About Performance of ABLV Open-End Mutual Funds in February
OREANDA-NEWS. March 11, 2013. In February, the global stock market showed the mixed dynamic. While in January everything was bought everywhere, in February the major financial markets began to live its separate lives, and the dynamic of the indexes of different countries was mainly determined by internal factors.
However, there was a general central theme - increased tension around the European Union and the eurozone due to a political scandal in Spain, the loss of the highest rating by the United Kingdom, and the negative results of the elections in Italy, following which it became apparent that stable government is unlikely to be formed, which in turn brings into the question of country management in the difficult economic situation.
Given such news, nervousness returned to the markets, and many short-term players preferred to hold the previous months’ profit. As a result, the half of our monitored indexes closed the month with a rise and half – with a fall, and world stock index MSCI WORLD closed the month at zero. As always, the most affected were the most speculative markets of developing countries, which led to decrease of the MSCI EM index by 1.4%. Most likely, the world index would show the negative result over the month, but the situation here was "saved" by Ben Bernanke, the statements of which regarding the continuation of QE policy encouraged the US index growth in the last days of February and allowed them to go in the plus zone.
Manager of the stock funds continued taking measures on portfolio restructuring to ensure the currency risk reduction. However, after negative trends appeared in the stock markets, it was decided not to rush with new purchases and to hold the wait-and-see attitude. Our assumptions about possible correction were right, which allowed restoring previously closed positions at more attractive prices. General view of the market is moderately positive, mainly due to the influx of money in the stock markets (inflow into global stock funds and ETF in January was a record one since December 2006), and therefore the basic strategy is to "accumulate on the decline".

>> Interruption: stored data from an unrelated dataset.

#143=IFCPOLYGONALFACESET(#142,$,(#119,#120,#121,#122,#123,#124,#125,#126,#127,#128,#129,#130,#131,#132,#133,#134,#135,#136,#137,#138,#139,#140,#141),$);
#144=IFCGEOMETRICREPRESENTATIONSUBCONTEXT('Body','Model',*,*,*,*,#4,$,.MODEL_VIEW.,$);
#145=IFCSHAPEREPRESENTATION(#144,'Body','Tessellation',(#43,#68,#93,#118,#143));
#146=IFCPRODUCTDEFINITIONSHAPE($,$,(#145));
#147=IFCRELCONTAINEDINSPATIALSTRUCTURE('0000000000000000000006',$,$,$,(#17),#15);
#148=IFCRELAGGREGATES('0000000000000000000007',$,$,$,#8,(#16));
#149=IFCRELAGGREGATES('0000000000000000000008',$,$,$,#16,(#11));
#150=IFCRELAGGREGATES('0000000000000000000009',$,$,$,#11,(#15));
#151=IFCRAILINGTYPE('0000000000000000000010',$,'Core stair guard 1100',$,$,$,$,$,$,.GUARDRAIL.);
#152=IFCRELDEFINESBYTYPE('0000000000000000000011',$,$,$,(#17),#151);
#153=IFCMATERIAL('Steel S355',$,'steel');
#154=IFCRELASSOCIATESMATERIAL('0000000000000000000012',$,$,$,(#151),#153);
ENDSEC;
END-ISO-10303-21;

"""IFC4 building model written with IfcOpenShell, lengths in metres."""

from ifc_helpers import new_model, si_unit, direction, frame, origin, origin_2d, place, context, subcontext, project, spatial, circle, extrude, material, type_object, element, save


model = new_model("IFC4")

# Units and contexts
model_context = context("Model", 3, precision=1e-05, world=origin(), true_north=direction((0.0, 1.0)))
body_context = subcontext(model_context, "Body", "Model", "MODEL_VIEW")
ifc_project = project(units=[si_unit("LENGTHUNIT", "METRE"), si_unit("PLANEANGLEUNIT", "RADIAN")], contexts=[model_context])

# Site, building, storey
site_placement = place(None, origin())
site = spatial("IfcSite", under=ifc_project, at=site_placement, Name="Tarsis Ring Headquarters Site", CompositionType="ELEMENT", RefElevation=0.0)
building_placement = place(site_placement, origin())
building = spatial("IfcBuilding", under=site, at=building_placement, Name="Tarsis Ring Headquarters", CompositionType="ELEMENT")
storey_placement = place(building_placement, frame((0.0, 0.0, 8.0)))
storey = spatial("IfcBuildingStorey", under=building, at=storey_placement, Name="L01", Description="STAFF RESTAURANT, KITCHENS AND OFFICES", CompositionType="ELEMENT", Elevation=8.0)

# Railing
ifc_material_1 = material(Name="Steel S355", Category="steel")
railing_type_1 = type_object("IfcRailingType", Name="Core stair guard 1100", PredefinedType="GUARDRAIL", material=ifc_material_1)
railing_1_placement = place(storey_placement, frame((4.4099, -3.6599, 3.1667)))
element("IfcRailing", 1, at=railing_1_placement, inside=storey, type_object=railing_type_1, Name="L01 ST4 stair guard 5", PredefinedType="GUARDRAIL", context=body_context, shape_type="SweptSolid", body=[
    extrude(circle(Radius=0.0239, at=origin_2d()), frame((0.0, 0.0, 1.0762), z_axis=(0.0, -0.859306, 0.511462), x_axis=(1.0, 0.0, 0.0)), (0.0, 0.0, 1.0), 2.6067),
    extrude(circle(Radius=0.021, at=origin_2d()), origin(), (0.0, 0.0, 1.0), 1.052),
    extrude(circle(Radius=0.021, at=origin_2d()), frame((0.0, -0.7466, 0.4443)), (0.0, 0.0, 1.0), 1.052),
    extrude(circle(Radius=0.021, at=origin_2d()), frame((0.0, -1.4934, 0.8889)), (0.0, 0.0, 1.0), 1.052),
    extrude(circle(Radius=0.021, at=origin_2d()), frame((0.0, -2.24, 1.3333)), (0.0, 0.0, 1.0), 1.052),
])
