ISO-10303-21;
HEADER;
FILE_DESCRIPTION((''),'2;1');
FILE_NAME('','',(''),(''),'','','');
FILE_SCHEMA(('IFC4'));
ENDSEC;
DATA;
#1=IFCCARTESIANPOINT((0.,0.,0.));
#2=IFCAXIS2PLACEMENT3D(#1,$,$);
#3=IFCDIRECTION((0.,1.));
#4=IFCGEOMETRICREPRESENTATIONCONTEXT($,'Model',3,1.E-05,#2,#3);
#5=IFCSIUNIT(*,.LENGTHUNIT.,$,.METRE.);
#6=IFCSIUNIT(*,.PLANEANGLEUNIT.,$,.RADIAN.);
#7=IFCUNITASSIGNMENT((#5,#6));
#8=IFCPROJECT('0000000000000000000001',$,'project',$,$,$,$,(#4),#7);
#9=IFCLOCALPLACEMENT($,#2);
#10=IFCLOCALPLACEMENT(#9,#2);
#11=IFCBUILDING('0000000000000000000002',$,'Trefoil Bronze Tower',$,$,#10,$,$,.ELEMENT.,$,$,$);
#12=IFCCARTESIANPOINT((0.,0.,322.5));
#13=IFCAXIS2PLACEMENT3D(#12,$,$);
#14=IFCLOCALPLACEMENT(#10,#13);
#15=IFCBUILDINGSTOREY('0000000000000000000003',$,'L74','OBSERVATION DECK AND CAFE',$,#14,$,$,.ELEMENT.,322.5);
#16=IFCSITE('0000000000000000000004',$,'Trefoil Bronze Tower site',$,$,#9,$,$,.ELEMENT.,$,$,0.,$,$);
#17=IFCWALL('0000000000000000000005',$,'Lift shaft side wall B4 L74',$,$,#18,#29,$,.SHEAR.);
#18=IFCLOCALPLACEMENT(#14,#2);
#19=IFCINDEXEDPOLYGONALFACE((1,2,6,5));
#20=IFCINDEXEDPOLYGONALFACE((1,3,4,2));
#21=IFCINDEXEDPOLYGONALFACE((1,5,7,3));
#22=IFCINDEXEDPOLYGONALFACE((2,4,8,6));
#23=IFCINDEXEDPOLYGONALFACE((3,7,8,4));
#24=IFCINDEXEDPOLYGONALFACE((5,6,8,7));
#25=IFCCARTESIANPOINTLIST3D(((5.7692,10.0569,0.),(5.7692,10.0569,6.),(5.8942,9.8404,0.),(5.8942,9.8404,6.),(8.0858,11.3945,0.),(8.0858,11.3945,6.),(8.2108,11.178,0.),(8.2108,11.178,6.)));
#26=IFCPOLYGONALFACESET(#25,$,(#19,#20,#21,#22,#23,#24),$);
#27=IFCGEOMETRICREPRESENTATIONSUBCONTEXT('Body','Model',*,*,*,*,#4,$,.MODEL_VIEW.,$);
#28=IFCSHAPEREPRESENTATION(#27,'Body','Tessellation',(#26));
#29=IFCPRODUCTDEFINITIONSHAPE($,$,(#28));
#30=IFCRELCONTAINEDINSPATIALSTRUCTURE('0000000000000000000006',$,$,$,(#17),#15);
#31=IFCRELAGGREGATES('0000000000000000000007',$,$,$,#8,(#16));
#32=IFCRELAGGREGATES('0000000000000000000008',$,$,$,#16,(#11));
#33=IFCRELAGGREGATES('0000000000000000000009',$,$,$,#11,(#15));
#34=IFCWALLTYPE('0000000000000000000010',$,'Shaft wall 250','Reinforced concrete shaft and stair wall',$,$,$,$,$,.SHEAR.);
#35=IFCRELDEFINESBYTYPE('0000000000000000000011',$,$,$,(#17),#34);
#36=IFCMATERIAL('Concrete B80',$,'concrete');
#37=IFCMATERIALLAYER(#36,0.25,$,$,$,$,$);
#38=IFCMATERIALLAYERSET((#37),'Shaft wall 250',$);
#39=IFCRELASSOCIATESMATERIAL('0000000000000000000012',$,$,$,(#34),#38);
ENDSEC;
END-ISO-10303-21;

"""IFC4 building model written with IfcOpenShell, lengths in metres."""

from ifc_helpers import new_model, si_unit, direction, frame, frame_2d, origin, place, context, subcontext, project, spatial, rectangle, extrude, material, layer, layer_set, type_object, element, save


model = new_model("IFC4")

# Units and contexts
model_context = context("Model", 3, precision=1e-05, world=origin(), true_north=direction((0.0, 1.0)))
body_context = subcontext(model_context, "Body", "Model", "MODEL_VIEW")
ifc_project = project(units=[si_unit("LENGTHUNIT", "METRE"), si_unit("PLANEANGLEUNIT", "RADIAN")], contexts=[model_context])

# Site, building, storey
site_placement = place(None, origin())
site = spatial("IfcSite", under=ifc_project, at=site_placement, Name="Trefoil Bronze Tower site", CompositionType="ELEMENT", RefElevation=0.0)
building_placement = place(site_placement, origin())
building = spatial("IfcBuilding", under=site, at=building_placement, Name="Trefoil Bronze Tower", CompositionType="ELEMENT")
storey_placement = place(building_placement, frame((0.0, 0.0, 322.5)))
storey = spatial("IfcBuildingStorey", under=building, at=storey_placement, Name="L74", Description="OBSERVATION DECK AND CAFE", CompositionType="ELEMENT", Elevation=322.5)

# Shared definitions
ifc_material_1 = material(Name="Concrete B80", Category="concrete")
ifc_layer_1 = layer(ifc_material_1, 0.25)
ifc_layer_set_1 = layer_set([ifc_layer_1], Name="Shaft wall 250")
wall_type_1 = type_object("IfcWallType", Name="Shaft wall 250", Description="Reinforced concrete shaft and stair wall", PredefinedType="SHEAR", material=ifc_layer_set_1)

# Wall
for number, where, z_axis, x_axis, name in (
    (1, (5.8318, 9.9487, 0.0), (0.0, 0.0, 1.0), (0.866005, 0.500036, 0.0), "Lift shaft side wall B4 L74"),
):
    element("IfcWall", number, at=place(storey_placement, frame(where, z_axis=z_axis, x_axis=x_axis)), inside=storey, type_object=wall_type_1, Name=name, PredefinedType="SHEAR", context=body_context, shape_type="SweptSolid", body=[
        extrude(rectangle(XDim=2.675, YDim=0.25, at=frame_2d((1.3374, 0.0))), origin(), (0.0, 0.0, 1.0), 6.0),
    ])

save(model, "model.ifc")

In the bond markets of developing countries, previous month dynamic was continued. Government bond market continued to be under the pressure on expectations of US debt yield growth. The difference compared to January was only in the fact that while in January the main sales were concentrated in bonds of countries with high investment grade, in February at the general negative background decline in prices was on the whole range of bonds. Not that it was aggressive selling (except for Argentina, where litigation over the decision of the American court to pay money to two hedge funds that refused to restructure defaulted debt began again), rather, slow slide in prices, however, an apparent lack of customers led to a reduction of the market. Slightly more affected were the bonds of Eastern Europe, given the events in Spain and Italy.
Again the good stability was demonstrated by the CIS corporate bonds, prices of which have not changed, which is, in our opinion, based on the high coupon yield and relatively low duration, which allows easy enough to outwait the overall negative trends.
It should be noted that, considering the general situation on the financial markets, we expected some decline in the bond markets in the short term, and therefore, the cash was the large part in the funds structure. Using the current correction on prices and spreads increasing across the entire bond market of the developing countries, it was decided to restore the previously closed positions, since the current level of profitability, in our opinion, already are at attractive levels. Moreover, after confirmation by Ben Bernanke that the US Federal Reserve will maintain its policy of low interest rates for a long time, we believe the potential for further price reductions is limited.